Exercise: Compile the ZPeakAnalysis inside the container

The one thing that has not yet been explained is what the build.sh script does. This file needs to be part of the repository. Take the ZPeakAnalysis directory from yesterday’s lesson, add it to the repository, and compile the code by adding the required commands to the build.sh script.

Solution: Compile the ZPeakAnalysis inside the container

A possible solution could look like this:

#!/bin/bash

# exit when any command fails; be verbose
set -ex

# make cmsrel etc. work
shopt -s expand_aliases
export MY_BUILD_DIR=${PWD}
source /cvmfs/cms.cern.ch/cmsset_default.sh
cd /home/cmsusr
cmsrel CMSSW_10_6_8_patch1
mkdir -p CMSSW_10_6_8_patch1/src/AnalysisCode
mv ${MY_BUILD_DIR}/ZPeakAnalysis CMSSW_10_6_8_patch1/src/AnalysisCode
cd CMSSW_10_6_8_patch1/src
cmsenv
scram b

Since developing this using GitLab is tricky, the next episodes will cover how you can develop this interactively on LXPLUS using Singularity or on your own computer running Docker. The caveat of using these light-weight images is that they cannot be run autonomously, but always need to have CVMFS access to do anything useful.

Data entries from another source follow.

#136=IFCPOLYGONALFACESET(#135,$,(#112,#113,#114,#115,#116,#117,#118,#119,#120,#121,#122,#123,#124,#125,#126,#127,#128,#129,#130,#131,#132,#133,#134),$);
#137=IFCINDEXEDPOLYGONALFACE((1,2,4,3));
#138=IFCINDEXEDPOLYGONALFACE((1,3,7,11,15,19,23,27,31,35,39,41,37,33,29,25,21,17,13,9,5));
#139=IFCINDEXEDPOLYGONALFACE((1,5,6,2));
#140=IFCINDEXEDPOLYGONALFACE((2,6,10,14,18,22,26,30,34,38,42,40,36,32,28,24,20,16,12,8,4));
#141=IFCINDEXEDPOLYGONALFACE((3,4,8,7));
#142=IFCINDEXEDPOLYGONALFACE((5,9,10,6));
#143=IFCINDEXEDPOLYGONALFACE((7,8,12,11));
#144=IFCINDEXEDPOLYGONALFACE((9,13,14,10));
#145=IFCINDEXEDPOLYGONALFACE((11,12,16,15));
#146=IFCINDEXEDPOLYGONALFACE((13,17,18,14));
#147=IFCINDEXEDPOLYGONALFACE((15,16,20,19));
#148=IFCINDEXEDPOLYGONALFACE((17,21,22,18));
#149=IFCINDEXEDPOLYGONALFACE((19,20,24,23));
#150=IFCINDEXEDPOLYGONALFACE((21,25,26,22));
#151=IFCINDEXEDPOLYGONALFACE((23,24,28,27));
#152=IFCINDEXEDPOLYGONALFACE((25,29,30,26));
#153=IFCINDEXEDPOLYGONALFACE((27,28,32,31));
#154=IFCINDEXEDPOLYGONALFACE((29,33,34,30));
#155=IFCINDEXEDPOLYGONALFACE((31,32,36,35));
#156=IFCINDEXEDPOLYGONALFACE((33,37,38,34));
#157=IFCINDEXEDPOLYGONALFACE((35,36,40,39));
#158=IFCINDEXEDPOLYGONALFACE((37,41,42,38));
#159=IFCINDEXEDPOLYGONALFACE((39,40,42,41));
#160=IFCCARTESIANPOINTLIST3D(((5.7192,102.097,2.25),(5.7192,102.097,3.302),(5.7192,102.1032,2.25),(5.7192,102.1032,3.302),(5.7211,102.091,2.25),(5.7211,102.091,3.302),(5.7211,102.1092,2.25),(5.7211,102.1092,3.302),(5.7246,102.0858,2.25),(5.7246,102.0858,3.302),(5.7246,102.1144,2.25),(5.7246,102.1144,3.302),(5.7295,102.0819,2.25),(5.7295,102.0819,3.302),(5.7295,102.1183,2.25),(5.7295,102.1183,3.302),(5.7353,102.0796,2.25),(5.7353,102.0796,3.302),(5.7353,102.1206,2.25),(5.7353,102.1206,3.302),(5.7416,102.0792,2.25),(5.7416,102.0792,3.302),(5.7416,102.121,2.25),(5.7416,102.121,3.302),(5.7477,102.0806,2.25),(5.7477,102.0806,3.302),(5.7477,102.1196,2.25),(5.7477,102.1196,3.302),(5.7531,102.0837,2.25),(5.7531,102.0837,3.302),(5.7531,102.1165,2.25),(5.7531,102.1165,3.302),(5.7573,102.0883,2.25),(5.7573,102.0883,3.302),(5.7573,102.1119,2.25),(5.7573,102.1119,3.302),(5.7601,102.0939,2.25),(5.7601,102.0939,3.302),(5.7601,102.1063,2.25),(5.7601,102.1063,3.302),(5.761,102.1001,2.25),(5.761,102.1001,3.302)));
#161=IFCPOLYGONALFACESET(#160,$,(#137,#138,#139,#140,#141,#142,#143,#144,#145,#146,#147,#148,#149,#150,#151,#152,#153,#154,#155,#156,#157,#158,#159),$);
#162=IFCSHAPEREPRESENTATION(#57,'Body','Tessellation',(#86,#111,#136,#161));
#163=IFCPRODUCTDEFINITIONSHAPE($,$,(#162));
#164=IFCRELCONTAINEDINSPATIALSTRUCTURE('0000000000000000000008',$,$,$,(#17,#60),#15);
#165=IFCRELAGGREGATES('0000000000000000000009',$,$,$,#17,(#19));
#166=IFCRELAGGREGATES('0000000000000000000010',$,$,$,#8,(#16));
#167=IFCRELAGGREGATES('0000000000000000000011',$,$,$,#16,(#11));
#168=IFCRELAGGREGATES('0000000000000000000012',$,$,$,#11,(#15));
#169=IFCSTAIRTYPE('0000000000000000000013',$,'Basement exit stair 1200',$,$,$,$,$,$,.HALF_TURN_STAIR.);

Why the .gitlab directory?

Putting the build.sh script into a directory called .gitlab is a recommended convention. If you develop code locally (e.g. on LXPLUS), you will have a different directory structure. Your analysis code, i.e. ZPeakAnalysis, will reside within CMSSW_10_6_8_patch1/src/AnalysisCode, > and executing the script from within the ZPeakAnalysis does not make much sense, because you will create a CMSSW workarea within an existing one. Therefore, using a hidden directory with a name that makes it clear that this is for running within GitLab, and is ignored otherwise, can be useful.

Key Points

• The light-weight CMS containers need to mount CVMFS.

• They will only work with CVMFS available.